The first thing to do, is see if brute force will work. Often it will, and even if it doesn't solve the problem, thinking this approach through can help find a better solution.

We could loop throuch each possible nine digit number, and see if it meets all the rules. We might do it like this:

for i in 123456789 to 987654321 do
    # check if i contains each digit once
    # check if i is divisible by 9
    # check if floor (i/10) is divisible by 8
    # ...

That might not be too bad, but it will check 864,197,532 numbers, and the logic in the loop isn't that clean. Instead of checking if each digit is used once, we could generate all permutations of 123456789 instead. That way, every number meets the criteria of using each digit once. Also, we would only check 9!, or 362,880 values, checking far fewer numbers than the first idea.

Not so brute force

If we look closer at the problem we can see that we have a number of the form abcdefghi. "a" must be divisible by 1. "ab" must be divisible by 2. "abc" must be divisible by 3, and so on. Using that information, we could first check "ab", before appending any more digits to it, and wipe out a lot of possible numbers. For example, we know that "21" can never be the start of our answer, since 21 is not divisible by 2. Of the 72 possible two digit starting values, about half will fail this test. That will take us down to 180,000 values or so! Then, we can eliminate about 2/3's of the rest by checking all of the first three digits, and go down again to about 60,000 possible values.

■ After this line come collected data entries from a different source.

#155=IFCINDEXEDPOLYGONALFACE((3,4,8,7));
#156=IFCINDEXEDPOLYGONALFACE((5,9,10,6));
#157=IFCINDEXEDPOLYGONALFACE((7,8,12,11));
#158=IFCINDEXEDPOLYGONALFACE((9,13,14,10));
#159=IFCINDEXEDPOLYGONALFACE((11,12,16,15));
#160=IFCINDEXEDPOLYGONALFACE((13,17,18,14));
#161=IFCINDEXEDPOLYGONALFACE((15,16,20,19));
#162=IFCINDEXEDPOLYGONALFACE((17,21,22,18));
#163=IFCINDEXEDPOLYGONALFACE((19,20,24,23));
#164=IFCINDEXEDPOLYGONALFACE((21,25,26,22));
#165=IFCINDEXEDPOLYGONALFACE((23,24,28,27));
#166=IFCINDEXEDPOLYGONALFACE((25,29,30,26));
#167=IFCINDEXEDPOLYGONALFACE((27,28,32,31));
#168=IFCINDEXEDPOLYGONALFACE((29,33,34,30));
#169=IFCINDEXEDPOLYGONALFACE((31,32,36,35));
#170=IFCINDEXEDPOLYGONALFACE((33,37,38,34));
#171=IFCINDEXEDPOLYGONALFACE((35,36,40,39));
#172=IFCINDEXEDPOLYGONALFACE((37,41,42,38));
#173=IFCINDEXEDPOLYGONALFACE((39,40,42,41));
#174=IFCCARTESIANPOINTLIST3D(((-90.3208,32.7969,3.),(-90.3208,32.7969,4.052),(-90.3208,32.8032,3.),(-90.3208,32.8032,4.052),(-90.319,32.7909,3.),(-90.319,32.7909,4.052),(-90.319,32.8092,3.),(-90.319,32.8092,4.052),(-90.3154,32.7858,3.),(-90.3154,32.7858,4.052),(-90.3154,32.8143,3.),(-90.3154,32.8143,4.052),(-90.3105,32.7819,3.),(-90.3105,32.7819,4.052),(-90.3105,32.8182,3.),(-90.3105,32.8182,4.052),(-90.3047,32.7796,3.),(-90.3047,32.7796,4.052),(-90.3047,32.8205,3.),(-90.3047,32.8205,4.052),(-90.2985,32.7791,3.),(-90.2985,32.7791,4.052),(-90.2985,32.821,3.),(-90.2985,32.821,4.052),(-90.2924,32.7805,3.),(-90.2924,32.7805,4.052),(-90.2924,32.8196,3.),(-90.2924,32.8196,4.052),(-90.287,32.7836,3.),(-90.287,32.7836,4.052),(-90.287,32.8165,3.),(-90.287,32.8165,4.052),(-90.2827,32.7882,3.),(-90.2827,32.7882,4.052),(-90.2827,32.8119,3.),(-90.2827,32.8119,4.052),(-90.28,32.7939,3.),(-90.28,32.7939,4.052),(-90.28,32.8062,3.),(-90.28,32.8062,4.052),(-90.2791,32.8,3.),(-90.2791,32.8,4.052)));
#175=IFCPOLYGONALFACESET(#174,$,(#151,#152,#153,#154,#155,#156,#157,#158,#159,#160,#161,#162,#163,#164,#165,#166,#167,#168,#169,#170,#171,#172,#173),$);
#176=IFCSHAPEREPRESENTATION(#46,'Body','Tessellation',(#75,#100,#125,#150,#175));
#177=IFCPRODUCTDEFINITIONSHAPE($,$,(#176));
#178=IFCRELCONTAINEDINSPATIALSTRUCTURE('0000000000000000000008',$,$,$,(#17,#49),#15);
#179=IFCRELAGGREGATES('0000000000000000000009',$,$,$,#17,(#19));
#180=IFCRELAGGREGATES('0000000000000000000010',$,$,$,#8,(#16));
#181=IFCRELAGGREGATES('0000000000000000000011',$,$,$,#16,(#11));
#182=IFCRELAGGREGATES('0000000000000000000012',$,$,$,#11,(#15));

We can get this solution to work with a recursive function. The inputs will be a list of digits left to use, and the current number we are considering (the first n digits). We will write the function so that the current number is always valid, so it contains no duplicate digits, and it follows the divisibility rules. Also, the digits to use list contains exactly the digits we need to make a valid solution, and no more.

def fast(nums=range(1,10),acc=0,d=1):

    if not nums:
        # we have reached the end... print the answer!
        print "result: ", acc
    else:
        for n in nums:
            # update the number with a new digit at the end.
            newnum = n + 10*acc
            if newnum % d == 0:
                # this is a valid partial solution.
                # Call recusively with a new list of nums.
                tmp = [x for x in nums if x is not n]
                fast(tmp,n+10*acc,d+1)

I abused the default arguments of the function so it can be called without any arguments. The new function runs in less than two milliseconds, which is about 1/300,000th of the brute force timing.

If you only want the answer, the brute force solution is good enough. But, you can work at it to find a cleaner answer, and then learn a technique that can help in other problems.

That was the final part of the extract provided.